There is, in principle, one further complicating issue when making a selection for the Opta Million. If more than one entry predicts the whole tournament correctly, the million dollar prize is shared among all winning entries. This being so, it might be better to make selections that are sub-optimal in terms of win probability, if they are more likely to be unique entries and lead to a win prize of the entire million. As I say, it’s an ‘in principle’ argument only. When your chances of winning are around 3.6\times 10^{-12} , it’s probably not worth worrying too much about the downside of having to share your million dollar potential winnings.
Post-Postscript
I’m sending this post on 1st December, at which point 4 of the 8 groups have been completed.
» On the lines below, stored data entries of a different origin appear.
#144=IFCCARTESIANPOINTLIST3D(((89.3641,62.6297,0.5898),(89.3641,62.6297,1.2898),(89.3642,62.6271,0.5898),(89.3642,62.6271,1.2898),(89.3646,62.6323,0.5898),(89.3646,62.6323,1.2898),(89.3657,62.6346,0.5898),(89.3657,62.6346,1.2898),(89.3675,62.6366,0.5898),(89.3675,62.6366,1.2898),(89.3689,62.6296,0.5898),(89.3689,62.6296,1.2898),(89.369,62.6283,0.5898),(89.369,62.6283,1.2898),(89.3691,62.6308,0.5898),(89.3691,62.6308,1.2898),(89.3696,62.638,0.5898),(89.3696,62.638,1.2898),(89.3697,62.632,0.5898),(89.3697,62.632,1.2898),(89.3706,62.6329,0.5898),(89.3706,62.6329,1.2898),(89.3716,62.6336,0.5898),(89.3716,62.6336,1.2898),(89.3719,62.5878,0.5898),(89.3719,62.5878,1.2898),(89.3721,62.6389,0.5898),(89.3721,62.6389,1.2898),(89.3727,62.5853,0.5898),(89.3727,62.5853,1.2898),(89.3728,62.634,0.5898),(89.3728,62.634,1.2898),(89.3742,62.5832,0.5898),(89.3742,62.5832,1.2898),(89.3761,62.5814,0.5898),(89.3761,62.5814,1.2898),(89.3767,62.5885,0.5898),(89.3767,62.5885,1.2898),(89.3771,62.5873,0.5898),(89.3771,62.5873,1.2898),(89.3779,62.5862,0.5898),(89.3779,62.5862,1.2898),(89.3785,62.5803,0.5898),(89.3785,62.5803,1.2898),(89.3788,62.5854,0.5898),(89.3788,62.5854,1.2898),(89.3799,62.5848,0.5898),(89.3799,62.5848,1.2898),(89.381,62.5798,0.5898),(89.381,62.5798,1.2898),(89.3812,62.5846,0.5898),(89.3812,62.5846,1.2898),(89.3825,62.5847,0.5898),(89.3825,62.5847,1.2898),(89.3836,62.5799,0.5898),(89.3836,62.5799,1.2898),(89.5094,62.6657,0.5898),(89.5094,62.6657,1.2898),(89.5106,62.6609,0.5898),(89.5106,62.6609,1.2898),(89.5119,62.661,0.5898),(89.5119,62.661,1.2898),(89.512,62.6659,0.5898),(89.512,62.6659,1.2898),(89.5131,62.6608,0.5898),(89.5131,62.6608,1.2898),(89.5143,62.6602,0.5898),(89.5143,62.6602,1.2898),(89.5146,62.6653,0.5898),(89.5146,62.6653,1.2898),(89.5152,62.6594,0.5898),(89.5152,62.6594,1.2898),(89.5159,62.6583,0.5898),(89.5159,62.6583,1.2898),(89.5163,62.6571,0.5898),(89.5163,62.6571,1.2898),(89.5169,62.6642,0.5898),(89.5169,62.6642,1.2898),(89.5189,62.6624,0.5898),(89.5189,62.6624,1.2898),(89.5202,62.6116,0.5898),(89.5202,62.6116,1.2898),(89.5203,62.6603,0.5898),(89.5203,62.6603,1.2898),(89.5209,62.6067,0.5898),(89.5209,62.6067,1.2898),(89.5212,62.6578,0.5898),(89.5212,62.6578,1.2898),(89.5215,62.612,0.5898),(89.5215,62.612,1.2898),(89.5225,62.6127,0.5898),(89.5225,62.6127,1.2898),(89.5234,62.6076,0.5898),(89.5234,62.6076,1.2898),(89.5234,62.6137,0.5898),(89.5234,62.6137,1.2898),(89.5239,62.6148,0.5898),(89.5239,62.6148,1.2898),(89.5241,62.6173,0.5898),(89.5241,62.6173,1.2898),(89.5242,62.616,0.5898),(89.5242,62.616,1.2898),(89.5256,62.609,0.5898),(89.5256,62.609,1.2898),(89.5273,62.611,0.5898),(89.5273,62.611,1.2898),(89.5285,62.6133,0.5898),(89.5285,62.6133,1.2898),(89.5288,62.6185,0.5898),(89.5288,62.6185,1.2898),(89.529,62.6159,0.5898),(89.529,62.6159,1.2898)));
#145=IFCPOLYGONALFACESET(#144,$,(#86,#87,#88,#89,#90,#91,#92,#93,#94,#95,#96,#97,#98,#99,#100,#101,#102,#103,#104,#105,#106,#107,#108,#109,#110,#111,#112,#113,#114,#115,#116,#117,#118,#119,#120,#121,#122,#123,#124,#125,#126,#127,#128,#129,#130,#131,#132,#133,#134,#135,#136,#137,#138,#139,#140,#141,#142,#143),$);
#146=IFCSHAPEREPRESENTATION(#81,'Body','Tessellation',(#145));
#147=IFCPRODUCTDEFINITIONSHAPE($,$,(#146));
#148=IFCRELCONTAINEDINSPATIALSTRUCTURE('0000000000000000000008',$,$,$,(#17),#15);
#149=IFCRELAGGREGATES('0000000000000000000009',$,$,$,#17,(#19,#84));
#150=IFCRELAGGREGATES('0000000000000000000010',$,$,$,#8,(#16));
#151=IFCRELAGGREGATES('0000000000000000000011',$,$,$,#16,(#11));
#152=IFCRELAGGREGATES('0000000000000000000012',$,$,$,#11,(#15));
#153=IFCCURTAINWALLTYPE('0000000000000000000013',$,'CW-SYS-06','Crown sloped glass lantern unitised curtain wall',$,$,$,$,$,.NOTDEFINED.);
I won’t be a millionaire. As explained above, my choice for the Opta million was based on team superiority according to Fifa rankings. This didn’t require the best ranked team to win every game at the group stage, but it did require groups to finish up in an order determined by those rankings. This worked for Group A, but not for Groups B to D. So, it’s disappointing. But at least I did better so far than an average random selection. As explained above, a random selection would get any group in the correct order with probability 1/24. On average, therefore, the number of groups correctly predicted (out of 4) with a random strategy would be 4/24 = 1/6. My score of 1 correct group is therefore not a bad score by comparison. Just nowhere good enough to keep me involved in the Opta million.